SDK
Install and drive the widget from your application code.
npm install @assistifychat/widgetimport { mount } from '@assistifychat/widget';
const widget = mount({ widgetId: 'WIDGET_ID' });
widget.chat.open();Find your widget ID in the dashboard under Widget → Settings → Credentials.
mount() returns synchronously; methods called before the widget has booted are queued and replayed in order once it is ready. Outside the browser, mount() returns a no-op handle, so the same code can run during server-side rendering.
Calling mount() again after destroy() re-establishes the runtime in the same page session, useful for SPA routes that drop the widget and bring it back on a different page.
Using React? See React for AssistifyScript and useAssistify.
Options
| Option | Type | Default | |
|---|---|---|---|
widgetId | string | required | |
baseUrl | string | https://assistify.chat | |
autoload | boolean | true | See Deferred boot |
launcher | boolean | true | Set to false to render the panel without the floating launcher. See Panel-only. |
identity | WidgetIdentity | Identity sent with the boot request. Without a valid userHash it is discarded and the session starts anonymous. See Identity verification. |
Full method and event list: JavaScript API.
Panel-only (custom launcher)
Set launcher: false to render the chat panel without the floating launcher. Nothing appears until you open the widget, so you can trigger it from your own button or menu item:
const widget = mount({ widgetId: 'WIDGET_ID', launcher: false });
document.querySelector('#help').addEventListener('click', () => widget.chat.open());The option applies to this embed only, so the same widget keeps its launcher on other pages. Combine it with autoload: false to hold all network activity until the first open. Closing the panel with the close button or the Escape key hides it completely, and you can listen for the close event when your button needs to reflect the open state.
Deferred boot
Pass autoload: false and the loader script is not injected at mount time. The handle is still returned synchronously, so the rest of your app can wire up event subscriptions without triggering any network activity.

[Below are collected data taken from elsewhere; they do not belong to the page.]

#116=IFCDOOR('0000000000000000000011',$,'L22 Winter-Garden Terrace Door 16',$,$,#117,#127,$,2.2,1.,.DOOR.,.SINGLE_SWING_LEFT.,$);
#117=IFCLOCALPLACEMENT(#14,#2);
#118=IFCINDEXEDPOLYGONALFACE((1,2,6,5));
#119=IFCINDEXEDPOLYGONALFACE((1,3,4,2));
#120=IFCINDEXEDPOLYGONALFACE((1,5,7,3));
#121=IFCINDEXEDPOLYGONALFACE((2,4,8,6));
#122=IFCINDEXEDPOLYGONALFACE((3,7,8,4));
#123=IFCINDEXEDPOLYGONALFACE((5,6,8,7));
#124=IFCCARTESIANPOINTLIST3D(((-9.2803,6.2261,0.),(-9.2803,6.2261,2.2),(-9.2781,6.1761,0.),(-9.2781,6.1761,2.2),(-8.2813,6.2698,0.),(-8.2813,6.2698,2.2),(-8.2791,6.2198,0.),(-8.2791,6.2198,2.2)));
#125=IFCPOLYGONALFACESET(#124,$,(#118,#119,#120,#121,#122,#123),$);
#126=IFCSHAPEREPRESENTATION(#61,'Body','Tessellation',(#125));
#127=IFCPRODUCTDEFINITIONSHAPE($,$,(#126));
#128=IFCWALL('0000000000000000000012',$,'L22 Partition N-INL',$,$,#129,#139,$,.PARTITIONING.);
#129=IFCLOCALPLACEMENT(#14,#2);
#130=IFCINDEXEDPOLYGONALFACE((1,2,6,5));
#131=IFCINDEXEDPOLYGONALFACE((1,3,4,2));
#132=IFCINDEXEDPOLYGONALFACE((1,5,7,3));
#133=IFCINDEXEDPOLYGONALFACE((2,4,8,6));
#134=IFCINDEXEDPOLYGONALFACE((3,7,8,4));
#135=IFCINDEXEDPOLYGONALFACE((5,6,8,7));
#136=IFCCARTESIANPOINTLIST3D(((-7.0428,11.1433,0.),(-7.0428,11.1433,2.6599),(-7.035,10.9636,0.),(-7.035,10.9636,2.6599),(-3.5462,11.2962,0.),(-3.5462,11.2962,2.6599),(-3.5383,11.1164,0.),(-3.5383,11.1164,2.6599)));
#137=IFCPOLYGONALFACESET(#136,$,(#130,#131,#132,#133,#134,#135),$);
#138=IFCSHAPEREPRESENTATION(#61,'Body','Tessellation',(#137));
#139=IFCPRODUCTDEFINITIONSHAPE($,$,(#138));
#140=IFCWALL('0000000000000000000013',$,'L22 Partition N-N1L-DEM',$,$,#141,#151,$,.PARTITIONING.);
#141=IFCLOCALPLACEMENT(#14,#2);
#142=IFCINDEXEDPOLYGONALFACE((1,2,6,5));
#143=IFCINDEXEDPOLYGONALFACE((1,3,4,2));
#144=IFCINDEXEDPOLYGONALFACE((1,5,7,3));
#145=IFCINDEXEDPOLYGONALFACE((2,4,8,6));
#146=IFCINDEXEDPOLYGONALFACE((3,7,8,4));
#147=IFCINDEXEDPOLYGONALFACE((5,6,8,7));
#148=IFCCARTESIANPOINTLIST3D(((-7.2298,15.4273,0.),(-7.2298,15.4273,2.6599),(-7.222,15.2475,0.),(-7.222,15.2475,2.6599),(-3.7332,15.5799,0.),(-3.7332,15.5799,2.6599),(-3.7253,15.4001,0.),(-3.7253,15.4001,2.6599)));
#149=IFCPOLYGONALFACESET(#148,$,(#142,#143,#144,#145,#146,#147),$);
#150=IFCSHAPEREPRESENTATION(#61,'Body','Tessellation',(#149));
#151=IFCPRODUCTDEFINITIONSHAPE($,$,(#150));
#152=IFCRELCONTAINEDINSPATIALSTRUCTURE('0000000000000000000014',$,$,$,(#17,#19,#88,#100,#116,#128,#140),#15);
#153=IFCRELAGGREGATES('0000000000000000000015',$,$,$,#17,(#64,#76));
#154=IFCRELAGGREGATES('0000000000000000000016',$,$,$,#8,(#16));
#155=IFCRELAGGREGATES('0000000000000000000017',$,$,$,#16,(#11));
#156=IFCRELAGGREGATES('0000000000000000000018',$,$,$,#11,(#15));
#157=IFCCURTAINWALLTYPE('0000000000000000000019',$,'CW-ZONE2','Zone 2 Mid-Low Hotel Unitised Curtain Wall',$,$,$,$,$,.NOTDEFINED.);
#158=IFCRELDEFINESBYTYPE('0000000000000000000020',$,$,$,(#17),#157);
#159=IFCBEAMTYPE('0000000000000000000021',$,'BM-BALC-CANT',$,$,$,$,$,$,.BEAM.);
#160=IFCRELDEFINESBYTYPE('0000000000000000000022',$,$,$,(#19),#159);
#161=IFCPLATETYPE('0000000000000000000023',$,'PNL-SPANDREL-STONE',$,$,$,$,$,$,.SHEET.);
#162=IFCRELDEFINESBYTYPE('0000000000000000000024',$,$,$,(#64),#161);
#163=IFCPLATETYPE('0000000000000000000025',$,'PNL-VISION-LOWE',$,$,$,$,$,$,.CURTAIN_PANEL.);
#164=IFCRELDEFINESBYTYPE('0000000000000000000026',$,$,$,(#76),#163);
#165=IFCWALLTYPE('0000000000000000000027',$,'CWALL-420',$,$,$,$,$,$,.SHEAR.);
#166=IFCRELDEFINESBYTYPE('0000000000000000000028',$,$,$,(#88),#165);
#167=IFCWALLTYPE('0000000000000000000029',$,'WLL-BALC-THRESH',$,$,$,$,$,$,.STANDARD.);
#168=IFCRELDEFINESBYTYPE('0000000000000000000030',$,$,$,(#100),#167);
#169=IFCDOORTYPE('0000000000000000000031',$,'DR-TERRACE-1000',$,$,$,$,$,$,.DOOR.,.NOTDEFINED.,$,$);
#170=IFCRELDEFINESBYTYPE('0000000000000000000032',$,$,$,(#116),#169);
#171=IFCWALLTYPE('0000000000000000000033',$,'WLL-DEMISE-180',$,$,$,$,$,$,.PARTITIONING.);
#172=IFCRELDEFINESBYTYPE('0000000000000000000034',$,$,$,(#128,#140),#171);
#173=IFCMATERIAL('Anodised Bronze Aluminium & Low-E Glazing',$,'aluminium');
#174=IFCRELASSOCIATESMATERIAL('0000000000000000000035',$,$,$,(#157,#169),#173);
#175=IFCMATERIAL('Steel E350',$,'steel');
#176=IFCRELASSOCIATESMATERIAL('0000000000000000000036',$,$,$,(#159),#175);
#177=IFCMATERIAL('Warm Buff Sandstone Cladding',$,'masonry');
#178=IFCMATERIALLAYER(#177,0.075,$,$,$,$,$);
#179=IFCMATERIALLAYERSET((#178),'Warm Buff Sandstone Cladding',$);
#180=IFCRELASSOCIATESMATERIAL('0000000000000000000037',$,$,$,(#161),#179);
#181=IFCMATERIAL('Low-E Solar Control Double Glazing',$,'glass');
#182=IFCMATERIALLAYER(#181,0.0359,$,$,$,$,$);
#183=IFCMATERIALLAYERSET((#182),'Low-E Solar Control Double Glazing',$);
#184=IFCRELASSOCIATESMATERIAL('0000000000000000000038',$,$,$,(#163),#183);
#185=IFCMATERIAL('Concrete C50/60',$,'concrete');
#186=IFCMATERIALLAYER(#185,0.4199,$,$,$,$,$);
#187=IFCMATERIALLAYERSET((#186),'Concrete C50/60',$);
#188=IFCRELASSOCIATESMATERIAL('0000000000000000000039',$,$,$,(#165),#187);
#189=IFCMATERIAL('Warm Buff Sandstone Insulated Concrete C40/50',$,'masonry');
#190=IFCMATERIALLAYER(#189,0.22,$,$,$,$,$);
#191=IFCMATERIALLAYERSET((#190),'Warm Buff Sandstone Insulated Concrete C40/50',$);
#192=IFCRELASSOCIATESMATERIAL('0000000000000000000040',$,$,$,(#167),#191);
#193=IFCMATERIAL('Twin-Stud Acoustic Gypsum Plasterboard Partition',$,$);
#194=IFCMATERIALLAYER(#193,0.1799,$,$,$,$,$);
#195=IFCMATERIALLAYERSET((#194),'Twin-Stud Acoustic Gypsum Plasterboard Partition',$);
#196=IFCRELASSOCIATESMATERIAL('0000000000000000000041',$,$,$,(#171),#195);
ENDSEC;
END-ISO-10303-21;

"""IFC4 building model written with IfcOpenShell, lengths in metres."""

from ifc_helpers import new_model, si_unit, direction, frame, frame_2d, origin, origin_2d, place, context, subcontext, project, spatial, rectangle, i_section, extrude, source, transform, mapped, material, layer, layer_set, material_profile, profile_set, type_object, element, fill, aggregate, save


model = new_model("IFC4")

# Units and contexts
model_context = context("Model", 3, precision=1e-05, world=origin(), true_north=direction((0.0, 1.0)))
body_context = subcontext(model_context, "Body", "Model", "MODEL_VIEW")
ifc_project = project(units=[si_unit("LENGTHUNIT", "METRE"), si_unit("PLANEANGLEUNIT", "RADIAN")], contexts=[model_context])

const widget = mount({ widgetId: 'WIDGET_ID', autoload: false });
widget.events.on('ready', () => console.log('Widget is ready'));Boot happens the first time a host calls one of these:
| Method | Triggers boot? |
|---|---|
chat.open() / chat.close() / chat.toggle() | ✅ |
load() | ✅ |
reset() | ❌ clears local visitor storage; boots only once the widget is on the page |
events.on() / events.off() | ❌ buffered |
user.identify() | ❌ buffered; the identity is included in the boot request |
user.getVisitorId() | ❌ reads stored ID directly |
isReady() / destroy() | ❌ |
Buffered calls reach the runtime on first boot in the order they were made.
Boot on consent
const widget = mount({ widgetId: 'WIDGET_ID', autoload: false });
cmp.onConsentGranted('chat', () => {
widget.load();
});Nothing happens until consent is granted.
Boot when an identity becomes available
const widget = mount({ widgetId: 'WIDGET_ID', autoload: false });
auth.onSignIn(({ user, userHash }) => {
widget.user.identify({ email: user.email, userHash });
widget.load();
});Identity supplied through user.identify() before boot is included in the boot request itself, so the visitor is already verified when the widget first renders.
Tell your visitors
Your privacy policy should mention the chat. See Visitor recognition → Your privacy policy for the two notices to link.